El ‘fake’ llega a los muebles
La historia de la trama de ebanistas y falsificadores que colocó piezas falsas en Versalles por tres millones de euros
Casi la mitad de las obras conservadas en los museos son falsas. Ahora resulta que también lo son muebles del siglo XVIII y del estilo art déco. Y de acuerdo con el reputado laboratorio de investigaciones de los museos nacionales de Francia, “los sistemas de análisis en ese terreno son menos finos que en el de la pintura”. Que los museos están llenos de fakes lo aseguró nada menos que Thomas Hoving, ex director del MoMA (Metropolitan Museum of Art) de Nueva York en su libro False impressions. En cuanto a los muebles, una célebre víctima es el castillo de Versalles, que adquirió sillas del siglo XVIII, debidamente estampilladas pero presuntamente falsificadas, por casi tres millones de euros.
El tema protagonizó susurros en la última edición de la prestigiosa Bienal de los Anticuarios (125 anticuarios de 14 países) de París. Para el crítico de arte Harry Bellet, el problema no se circunscribe a la capital francesa. Por ejemplo, y a pesar de la treintena de expertos que analiza las pinturas que serán expuestas, en 1998 la respetable Feria de Maastricht colgó un retrato de La Montserrat, de Julio González, bosquejo de la escultura que realizó para el pabellón de España de la Exposición Universal de París de 1937, que resultó ser falso.
La de las sillas del siglo XVIII parece salir de una novela, entre El collar de la reina, cuyo escenario fue Versalles precisamente, contada por Alejandro Dumas, y los muebles falsos vendidos por Theo Decker, protagonista del reciente El Jilguero, de Donna Tart.
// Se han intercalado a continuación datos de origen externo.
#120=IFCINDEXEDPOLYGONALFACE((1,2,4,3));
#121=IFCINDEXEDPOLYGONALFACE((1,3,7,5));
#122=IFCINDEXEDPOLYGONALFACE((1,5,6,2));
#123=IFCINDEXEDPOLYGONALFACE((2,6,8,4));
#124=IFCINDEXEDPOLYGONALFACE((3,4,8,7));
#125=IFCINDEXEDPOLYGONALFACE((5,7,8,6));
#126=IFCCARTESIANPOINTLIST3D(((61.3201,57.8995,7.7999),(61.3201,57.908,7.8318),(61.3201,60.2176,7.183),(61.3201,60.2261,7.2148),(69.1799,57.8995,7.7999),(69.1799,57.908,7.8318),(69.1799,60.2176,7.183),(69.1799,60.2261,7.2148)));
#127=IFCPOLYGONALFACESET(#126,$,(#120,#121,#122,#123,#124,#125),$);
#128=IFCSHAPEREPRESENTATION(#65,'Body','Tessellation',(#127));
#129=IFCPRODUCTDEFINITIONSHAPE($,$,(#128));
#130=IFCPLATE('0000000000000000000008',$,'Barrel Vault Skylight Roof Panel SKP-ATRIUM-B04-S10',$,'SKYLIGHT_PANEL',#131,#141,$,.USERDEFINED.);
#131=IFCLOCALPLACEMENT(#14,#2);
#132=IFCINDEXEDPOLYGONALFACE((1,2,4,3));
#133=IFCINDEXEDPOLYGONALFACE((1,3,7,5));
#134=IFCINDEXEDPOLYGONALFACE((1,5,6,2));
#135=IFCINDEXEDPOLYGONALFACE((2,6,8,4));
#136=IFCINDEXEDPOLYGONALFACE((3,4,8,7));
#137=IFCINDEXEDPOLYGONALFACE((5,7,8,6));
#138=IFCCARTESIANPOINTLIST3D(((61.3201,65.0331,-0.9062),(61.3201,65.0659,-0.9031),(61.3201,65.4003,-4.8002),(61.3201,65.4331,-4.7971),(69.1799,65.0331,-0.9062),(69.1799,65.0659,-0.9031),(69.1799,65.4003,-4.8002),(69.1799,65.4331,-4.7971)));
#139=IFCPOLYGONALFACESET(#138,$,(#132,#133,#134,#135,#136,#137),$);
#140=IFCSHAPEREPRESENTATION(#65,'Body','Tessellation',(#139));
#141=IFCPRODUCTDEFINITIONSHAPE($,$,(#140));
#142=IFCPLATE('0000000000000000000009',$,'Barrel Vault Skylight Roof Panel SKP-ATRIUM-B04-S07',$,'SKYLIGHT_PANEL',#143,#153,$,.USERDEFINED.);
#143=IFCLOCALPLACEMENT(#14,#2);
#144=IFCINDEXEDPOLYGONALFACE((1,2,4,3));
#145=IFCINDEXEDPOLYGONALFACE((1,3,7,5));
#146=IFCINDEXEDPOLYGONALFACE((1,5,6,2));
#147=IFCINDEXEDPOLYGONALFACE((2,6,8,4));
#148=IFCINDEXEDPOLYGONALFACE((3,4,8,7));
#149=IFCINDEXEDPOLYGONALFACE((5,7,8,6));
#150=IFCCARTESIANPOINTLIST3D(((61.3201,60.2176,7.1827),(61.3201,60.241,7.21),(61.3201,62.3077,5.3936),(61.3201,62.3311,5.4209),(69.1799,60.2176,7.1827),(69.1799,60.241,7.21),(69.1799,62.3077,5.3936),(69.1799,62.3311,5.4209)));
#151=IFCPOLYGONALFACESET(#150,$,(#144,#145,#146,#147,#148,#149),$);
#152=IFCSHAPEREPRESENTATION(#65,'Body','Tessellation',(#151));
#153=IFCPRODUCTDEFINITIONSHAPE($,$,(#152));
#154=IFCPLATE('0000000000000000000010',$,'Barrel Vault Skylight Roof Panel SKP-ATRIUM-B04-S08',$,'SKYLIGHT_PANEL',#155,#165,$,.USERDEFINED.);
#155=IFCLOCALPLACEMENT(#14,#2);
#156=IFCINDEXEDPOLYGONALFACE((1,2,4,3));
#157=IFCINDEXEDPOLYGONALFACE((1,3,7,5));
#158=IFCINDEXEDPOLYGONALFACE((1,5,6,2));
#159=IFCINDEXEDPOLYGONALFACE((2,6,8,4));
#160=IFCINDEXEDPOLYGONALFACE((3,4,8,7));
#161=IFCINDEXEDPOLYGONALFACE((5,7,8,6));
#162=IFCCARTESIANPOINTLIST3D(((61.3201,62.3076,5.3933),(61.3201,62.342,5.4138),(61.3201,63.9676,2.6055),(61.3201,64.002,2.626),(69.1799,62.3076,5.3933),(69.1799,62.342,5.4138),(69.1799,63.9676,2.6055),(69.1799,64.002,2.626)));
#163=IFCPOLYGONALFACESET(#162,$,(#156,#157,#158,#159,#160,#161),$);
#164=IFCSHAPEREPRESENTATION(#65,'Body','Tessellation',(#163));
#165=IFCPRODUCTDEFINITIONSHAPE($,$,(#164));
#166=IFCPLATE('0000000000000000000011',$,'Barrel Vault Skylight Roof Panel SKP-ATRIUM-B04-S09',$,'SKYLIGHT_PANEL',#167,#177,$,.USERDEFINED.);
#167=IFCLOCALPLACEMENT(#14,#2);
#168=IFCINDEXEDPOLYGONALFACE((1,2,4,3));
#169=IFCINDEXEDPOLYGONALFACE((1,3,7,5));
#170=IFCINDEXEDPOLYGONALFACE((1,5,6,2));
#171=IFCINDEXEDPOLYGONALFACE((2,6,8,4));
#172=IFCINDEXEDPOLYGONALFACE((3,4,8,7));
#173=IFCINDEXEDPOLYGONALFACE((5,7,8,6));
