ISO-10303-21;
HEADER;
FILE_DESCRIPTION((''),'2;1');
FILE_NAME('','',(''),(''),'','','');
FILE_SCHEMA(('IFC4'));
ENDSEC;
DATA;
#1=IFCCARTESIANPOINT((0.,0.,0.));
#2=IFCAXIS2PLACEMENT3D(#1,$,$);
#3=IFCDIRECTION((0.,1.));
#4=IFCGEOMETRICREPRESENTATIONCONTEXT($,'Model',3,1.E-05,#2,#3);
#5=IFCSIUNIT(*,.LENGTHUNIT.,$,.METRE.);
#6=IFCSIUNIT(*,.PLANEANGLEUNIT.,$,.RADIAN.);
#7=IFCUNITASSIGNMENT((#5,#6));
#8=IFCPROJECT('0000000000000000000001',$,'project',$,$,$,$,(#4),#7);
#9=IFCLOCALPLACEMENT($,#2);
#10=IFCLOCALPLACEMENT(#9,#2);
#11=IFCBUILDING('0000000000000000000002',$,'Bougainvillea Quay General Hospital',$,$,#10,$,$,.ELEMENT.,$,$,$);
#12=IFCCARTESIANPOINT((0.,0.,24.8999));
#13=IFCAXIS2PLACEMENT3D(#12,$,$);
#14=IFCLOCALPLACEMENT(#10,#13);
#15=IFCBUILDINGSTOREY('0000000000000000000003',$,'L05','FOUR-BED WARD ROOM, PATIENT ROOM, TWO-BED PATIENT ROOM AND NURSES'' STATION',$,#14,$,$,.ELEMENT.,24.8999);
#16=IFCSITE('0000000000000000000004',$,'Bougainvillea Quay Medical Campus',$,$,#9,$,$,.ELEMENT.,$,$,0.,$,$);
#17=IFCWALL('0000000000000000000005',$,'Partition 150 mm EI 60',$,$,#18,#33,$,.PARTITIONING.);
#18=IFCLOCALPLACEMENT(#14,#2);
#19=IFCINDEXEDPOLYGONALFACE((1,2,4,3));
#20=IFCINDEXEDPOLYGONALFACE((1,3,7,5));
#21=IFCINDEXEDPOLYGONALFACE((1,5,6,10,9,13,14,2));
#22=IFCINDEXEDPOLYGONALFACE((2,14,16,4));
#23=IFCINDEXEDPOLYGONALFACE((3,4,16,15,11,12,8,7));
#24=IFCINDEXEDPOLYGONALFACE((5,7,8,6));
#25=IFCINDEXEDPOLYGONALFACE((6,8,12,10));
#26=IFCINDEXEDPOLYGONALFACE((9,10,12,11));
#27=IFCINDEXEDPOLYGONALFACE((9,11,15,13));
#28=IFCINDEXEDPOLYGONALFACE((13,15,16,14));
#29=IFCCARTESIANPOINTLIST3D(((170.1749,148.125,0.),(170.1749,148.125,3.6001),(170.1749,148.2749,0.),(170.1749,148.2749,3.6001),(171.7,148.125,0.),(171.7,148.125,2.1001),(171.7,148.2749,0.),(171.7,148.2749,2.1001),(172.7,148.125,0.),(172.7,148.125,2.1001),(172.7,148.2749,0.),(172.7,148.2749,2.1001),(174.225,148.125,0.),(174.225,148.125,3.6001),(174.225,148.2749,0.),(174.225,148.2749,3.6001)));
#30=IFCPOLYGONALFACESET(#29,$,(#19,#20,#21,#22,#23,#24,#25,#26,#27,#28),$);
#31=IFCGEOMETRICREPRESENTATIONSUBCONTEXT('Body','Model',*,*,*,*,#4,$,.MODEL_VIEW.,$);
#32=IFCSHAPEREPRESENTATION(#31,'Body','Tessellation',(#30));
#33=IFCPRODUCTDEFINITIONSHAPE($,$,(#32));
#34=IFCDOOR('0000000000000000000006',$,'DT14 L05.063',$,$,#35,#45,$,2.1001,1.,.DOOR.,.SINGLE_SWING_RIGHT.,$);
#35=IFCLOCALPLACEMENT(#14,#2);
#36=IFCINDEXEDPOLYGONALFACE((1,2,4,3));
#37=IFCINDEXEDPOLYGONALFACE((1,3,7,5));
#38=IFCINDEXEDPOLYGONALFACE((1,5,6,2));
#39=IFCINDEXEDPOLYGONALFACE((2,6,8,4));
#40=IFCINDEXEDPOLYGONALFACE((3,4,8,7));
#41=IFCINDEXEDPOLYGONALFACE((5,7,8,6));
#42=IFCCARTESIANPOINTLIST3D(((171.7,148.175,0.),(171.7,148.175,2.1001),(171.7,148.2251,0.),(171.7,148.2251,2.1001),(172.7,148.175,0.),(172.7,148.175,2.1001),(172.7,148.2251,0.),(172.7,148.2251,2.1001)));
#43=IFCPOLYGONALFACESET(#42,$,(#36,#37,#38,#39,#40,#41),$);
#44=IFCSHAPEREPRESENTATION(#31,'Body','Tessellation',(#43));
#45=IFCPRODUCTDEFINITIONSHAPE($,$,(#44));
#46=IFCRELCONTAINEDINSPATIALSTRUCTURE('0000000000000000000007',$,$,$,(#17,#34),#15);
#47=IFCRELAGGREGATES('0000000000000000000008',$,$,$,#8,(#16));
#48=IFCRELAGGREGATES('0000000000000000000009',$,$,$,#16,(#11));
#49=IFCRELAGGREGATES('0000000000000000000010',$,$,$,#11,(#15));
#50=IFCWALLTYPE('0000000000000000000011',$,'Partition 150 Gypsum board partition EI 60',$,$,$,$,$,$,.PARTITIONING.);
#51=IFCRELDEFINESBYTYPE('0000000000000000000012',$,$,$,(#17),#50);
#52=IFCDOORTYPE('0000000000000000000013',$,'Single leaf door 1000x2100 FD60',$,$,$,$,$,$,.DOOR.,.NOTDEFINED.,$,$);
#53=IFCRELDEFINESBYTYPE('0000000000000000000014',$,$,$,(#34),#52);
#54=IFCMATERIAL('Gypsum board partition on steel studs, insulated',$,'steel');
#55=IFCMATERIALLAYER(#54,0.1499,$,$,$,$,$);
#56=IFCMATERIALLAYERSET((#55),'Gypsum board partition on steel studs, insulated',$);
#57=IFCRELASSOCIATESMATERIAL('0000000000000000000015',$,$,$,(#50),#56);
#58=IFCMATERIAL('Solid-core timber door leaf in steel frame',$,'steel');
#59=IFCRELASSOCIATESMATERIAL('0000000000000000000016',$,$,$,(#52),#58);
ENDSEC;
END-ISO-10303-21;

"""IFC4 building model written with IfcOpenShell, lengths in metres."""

from ifc_helpers import new_model, si_unit, direction, frame, frame_2d, origin, place, context, subcontext, project, spatial, rectangle, extrude, material, layer, layer_set, type_object, element, fill, save


model = new_model("IFC4")

# Units and contexts
model_context = context("Model", 3, precision=1e-05, world=origin(), true_north=direction((0.0, 1.0)))
body_context = subcontext(model_context, "Body", "Model", "MODEL_VIEW")
ifc_project = project(units=[si_unit("LENGTHUNIT", "METRE"), si_unit("PLANEANGLEUNIT", "RADIAN")], contexts=[model_context])

# Site, building, storey
site_placement = place(None, origin())
site = spatial("IfcSite", under=ifc_project, at=site_placement, Name="Bougainvillea Quay Medical Campus", CompositionType="ELEMENT", RefElevation=0.0)
building_placement = place(site_placement, origin())
building = spatial("IfcBuilding", under=site, at=building_placement, Name="Bougainvillea Quay General Hospital", CompositionType="ELEMENT")
storey_placement = place(building_placement, frame((0.0, 0.0, 24.8999)))
storey = spatial("IfcBuildingStorey", under=building, at=storey_placement, Name="L05", Description="FOUR-BED WARD ROOM, PATIENT ROOM, TWO-BED PATIENT ROOM AND NURSES' STATION", CompositionType="ELEMENT", Elevation=24.8999)

# Shared definitions
ifc_material_1 = material(Name="Gypsum board partition on steel studs, insulated", Category="steel")

# Wall, opening, door
ifc_material_2 = material(Name="Solid-core timber door leaf in steel frame", Category="steel")
ifc_layer_1 = layer(ifc_material_1, 0.1499)
ifc_layer_set_1 = layer_set([ifc_layer_1], Name="Gypsum board partition on steel studs, insulated")
wall_type_1 = type_object("IfcWallType", Name="Partition 150 Gypsum board partition EI 60", PredefinedType="PARTITIONING", material=ifc_layer_set_1)
wall_1_placement = place(storey_placement, frame((170.175, 148.2, 0.0), z_axis=(0.0, 0.0, 1.0), x_axis=(1.0, 0.0, 0.0)))
wall_1 = element("IfcWall", 1, at=wall_1_placement, inside=storey, type_object=wall_type_1, Name="Partition 150 mm EI 60", PredefinedType="PARTITIONING", context=body_context, shape_type="SweptSolid", body=[
    extrude(rectangle(XDim=4.05, YDim=0.1499, at=frame_2d((2.0249, 0.0))), origin(), (0.0, 0.0, 1.0), 3.6001),
])
opening_1_placement = place(wall_1_placement, frame((1.5249, 0.0, 0.0)))
opening_1 = element("IfcOpeningElement", 2, at=opening_1_placement, cuts=wall_1, PredefinedType="OPENING", context=body_context, shape_type="SweptSolid", body=[
    extrude(rectangle(XDim=1.0, YDim=2.1001, at=frame_2d((0.5, 1.05))), frame((0.0, 0.085, 0.0), z_axis=(0.0, -1.0, 0.0), x_axis=(1.0, 0.0, 0.0)), (0.0, 0.0, 1.0), 0.1699),
])
door_type_1 = type_object("IfcDoorType", Name="Single leaf door 1000x2100 FD60", OperationType="NOTDEFINED", PredefinedType="DOOR", material=ifc_material_2)
door_1_placement = place(opening_1_placement, frame((1.0, 0.0, 0.0), z_axis=(0.0, 0.0, 1.0), x_axis=(-1.0, 0.0, 0.0)))
door_1 = element("IfcDoor", 3, at=door_1_placement, inside=storey, type_object=door_type_1, Name="DT14 L05.063", OperationType="SINGLE_SWING_RIGHT", OverallHeight=2.1001, OverallWidth=1.0, PredefinedType="DOOR", context=body_context, shape_type="SweptSolid", body=[
    extrude(rectangle(XDim=1.0, YDim=2.1001, at=frame_2d((0.5, 1.05))), frame((0.0, 0.0249, 0.0), z_axis=(0.0, -1.0, 0.0), x_axis=(1.0, 0.0, 0.0)), (0.0, 0.0, 1.0), 0.05),
])
fill(opening_1, door_1)

save(model, "model.ifc")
Durante años, la diferencia entre las etiquetas “estilo siglo XVIII” y “de época”, separadas en la práctica por muchos euros, fluctuaba sin que nadie se preocupara. Hasta que las dimensiones del mercado, la proliferación de millonarios, los dineros públicos sin demasiado control, convirtieron la falsificación de muebles en la tercera fuente de ingresos –miles de millones– de los traficantes de arte.
En Francia, la prescripción pasada tres años aliviaba falsificadores. Ahora, la calidad de delito financiero, que no prescribe, aumentó el ritmo represivo. A la OCBC, oficina central de lucha contra el tráfico de bienes culturales, se le sumó la OCRGDF, oficina de represión de la gran delincuencia financiera.
Dos detalles: primero, desde antes de la Revolución Francesa, de la que fueron protagonistas, los artesanos del mueble se reparten por la Rue du Faubourg Saint Antoine, que arranca hoy de la columna de julio, donde se levantaba la Bastilla. Los mejores manitas trabajan en trastienda. Como Bruno D., el mejor ebanista de su generación, implicado en el tema de las sillas.
Segundo, la ley del mecenazgo permite desde el 2003 que las empresas deduzcan el 90% de las sumas invertidas en tesoros nacionales. Instituciones como Versalles se vieron ricas, de pronto. “Hasta el punto –afirma el matutino Libération– de transformarse en el mayor comprador del mundo de muebles del siglo XVIII”.
La comisión de compras se despreocuparía del origen, en principio garantizado por el experto. Curioso experto, siempre o casi siempre también marchante. O a sueldo de una casa de subastas. Juez y parte.
Pero los falsificadores, por interés económico y vanidad de artesano y conocedor, no son una novedad. Adrien Goetz, autor de novelas históricas con el mercado del arte por tema, ironizaba en Le Figaro, el 29 de agosto, a propósito de las resurrecciones de André-Charles Boulle, creador de muebles fallecido en 1732, pero “que aparentemente dio sus obras maestras después de 1870 y desarrolló el arte sublime de la marquetería hasta fecha muy reciente”.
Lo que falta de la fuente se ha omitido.